The work opens with a strongly contrapuntal “Kyrie” that begins in shadowed solemnity—it is the only section of the work actually in C minor! The dotted rhythms introduced in the orchestral bass reappear throughout the Mass. Initial petitions for mercy give way to a brighter “Christe eleison” for soprano solo (presumably Constanze) and interspersed choral exclamations before the Kyrie’s darker music returns. The first phrase of “Gloria in excelsis deo,” a movement cast in an ABAB form, is set to ascending fanfare-like arpeggiated figures that burst exuberantly into the silence left by the Kyrie’s stark concluding section, and Handelian “hallelujahs” soon come to mind. The Earth rests in peace, shining angels suddenly interrupt with the opening musical figures, and peace again descends before, in the “Laudamus te,” a scintillating soprano solo lauds and blesses God in bravura Italian operatic style. In contrast, a brief, gravely grand SSATB chorus, undergirded by persistent dotted rhythms in the orchestra (like those in Handel’s “Surely He Hath Borne our Griefs”) gives thanks for God’s great glory (“Gratias agimus tibi”) and appears to prefigure Mozart’s Requiem.

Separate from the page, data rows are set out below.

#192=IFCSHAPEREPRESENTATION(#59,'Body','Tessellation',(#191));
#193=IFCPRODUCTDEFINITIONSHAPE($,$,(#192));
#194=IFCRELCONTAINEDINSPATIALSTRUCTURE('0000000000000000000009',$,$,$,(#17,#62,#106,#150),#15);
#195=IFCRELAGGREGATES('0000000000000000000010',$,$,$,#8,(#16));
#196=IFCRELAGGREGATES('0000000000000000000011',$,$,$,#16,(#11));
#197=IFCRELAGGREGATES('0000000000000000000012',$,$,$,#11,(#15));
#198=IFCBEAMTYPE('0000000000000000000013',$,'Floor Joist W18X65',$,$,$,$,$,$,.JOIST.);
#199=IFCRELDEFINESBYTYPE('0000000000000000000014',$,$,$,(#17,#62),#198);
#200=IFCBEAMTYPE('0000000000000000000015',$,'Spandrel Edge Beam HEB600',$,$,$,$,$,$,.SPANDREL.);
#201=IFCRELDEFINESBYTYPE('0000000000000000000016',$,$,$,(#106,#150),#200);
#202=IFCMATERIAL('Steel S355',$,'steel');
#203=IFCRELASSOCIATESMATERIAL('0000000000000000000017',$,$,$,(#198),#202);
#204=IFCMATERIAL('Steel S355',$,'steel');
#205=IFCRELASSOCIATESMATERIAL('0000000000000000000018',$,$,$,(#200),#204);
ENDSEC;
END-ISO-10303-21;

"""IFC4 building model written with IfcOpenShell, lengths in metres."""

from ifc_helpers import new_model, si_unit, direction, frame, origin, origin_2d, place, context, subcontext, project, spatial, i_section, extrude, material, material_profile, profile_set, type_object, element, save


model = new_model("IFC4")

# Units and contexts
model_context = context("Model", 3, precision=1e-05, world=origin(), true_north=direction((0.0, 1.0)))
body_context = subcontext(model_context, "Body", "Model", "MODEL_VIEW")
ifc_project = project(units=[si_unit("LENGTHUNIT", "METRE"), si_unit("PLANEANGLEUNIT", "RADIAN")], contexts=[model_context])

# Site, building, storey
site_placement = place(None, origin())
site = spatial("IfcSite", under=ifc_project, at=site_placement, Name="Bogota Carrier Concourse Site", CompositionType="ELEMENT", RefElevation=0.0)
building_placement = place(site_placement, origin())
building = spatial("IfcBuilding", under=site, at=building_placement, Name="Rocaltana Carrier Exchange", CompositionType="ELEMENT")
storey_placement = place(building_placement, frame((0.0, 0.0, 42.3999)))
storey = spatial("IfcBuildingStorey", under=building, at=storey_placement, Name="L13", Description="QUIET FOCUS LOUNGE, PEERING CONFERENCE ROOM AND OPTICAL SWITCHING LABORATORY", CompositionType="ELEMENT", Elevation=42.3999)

In the “Domine deus” duet that follows, solo soprano voices intertwine above the orchestral strings. In the lengthy succeeding section (“Qui tollis peccata mundi”), reminiscent of the “Crucifixus” in Bach’s Mass in B Minor, a jagged rhythmic figure that descends chromatically over the interval of a fourth is repeated by the orchestra while the double chorus paints an agonizing picture of the Savior staggering and sometimes falling under the lash and the weight of the world’s sins during his march to the cross. Imitation and syncopations characterize the following elaborate, contrapuntal, concerto-like trio (“Quoniam tu solus”), in which sopranos and tenor alternate with winds and strings as they describe as holy the Lord Most High, Jesus Christ, who is presented in six measures of majestic splendor (the “prelude” to the following movement’s intricate fugal counterpoint) by the chorus and full orchestra. “Cum sancto spiritu” repeatedly sounds the stately, ascending theme of the Holy Spirit in long notes surrounded by the glory of God the Father that pours forth in rushes of eighth notes as this movement concludes.

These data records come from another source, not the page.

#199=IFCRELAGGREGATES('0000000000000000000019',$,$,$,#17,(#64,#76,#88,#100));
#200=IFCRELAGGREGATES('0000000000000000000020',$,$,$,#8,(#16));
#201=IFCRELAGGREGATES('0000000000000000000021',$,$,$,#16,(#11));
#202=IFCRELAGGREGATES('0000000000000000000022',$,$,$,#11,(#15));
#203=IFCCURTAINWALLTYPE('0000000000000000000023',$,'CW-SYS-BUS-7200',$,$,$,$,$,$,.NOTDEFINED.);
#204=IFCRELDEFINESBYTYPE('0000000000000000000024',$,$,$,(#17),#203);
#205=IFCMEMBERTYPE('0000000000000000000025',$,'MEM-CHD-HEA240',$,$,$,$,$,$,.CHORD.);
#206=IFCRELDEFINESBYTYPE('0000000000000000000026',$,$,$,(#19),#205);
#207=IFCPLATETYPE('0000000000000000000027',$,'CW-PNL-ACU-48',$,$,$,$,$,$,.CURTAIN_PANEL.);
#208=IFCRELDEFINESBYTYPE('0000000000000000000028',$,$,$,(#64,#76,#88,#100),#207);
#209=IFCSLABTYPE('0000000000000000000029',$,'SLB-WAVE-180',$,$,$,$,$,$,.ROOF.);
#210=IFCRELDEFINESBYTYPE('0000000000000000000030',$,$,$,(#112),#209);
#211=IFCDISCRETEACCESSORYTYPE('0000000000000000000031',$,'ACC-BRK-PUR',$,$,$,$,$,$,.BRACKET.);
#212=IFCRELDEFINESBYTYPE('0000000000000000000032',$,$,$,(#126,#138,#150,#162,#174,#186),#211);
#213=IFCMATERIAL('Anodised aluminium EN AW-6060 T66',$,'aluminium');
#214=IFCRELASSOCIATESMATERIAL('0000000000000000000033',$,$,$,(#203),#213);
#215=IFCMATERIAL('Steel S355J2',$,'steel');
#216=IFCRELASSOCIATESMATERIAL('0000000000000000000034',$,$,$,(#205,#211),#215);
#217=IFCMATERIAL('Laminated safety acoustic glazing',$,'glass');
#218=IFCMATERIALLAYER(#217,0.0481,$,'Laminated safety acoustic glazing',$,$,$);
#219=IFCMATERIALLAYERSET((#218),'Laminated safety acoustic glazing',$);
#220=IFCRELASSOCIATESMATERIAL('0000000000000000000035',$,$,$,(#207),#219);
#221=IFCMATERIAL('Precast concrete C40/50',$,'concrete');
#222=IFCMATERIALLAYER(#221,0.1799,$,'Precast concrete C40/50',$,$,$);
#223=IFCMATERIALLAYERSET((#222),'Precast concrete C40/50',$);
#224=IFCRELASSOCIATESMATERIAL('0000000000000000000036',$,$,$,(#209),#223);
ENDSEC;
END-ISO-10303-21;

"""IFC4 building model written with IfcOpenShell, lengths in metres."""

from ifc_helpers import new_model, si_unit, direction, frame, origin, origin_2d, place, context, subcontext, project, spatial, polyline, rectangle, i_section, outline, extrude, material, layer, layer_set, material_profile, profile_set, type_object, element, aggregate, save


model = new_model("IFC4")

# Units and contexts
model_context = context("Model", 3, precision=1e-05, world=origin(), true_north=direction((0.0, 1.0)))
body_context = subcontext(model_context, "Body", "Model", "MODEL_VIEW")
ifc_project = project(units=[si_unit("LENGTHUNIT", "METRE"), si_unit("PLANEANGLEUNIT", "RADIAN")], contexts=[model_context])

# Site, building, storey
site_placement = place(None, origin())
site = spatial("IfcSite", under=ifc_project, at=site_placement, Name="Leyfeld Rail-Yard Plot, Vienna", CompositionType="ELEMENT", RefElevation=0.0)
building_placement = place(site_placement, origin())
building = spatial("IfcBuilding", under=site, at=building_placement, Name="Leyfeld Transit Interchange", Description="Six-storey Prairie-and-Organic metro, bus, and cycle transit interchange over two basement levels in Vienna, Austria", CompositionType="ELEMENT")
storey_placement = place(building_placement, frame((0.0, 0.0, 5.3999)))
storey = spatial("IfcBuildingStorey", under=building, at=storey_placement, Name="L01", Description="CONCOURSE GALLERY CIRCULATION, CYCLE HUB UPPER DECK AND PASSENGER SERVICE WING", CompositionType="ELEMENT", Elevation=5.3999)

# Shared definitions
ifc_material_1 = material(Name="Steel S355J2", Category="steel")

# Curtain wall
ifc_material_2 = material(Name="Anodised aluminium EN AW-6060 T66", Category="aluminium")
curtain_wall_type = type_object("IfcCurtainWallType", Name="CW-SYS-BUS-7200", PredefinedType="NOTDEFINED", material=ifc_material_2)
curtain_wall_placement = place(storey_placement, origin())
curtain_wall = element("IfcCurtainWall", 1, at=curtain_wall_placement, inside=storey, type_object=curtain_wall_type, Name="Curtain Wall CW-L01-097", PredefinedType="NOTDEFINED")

The Credo opens with the appearance of the galloping rhythmic figure with which the orchestra accompanies the five-part chorus throughout this portion of the Creed. The chorus often declaims a large amount of text in a homophonic chant-like manner, with polyphonic sections providing contrast. The “Et incarnatus est” section is an emotional, extended, highly decorative soprano solo in the leisurely, graceful 6/8 meter of the siciliana (an Italian dance) accompanied by—and actually forming a quartet with—a “pastoral” trio of flute, oboe and bassoon. Written for Constanze, Mozart hoped that, upon hearing her sing this aria, his father and sister might appreciate her musical abilities and at last confirm Mozart’s choice of a bride. It might also have celebrated the safe arrival of the couple’s son in June 1783, contemplating the miracle of God-made-human as well as that of the baby’s birth.

Extant instrumental parts indicate that Mozart intended the triumphant, primarily chordal “Sanctus” and the effervescent, polyphonic “Osanna” to be performed by full orchestra and double choir in the manner of a Baroque prelude and fugue. In the skilfully constructed, imitative “Benedictus,” all four soloists combine to bless the One who comes in the Lord’s name. The final portion of the Osanna returns to frame the preceding quartet and conclude this section of the Mass in a blaze of glorious praise.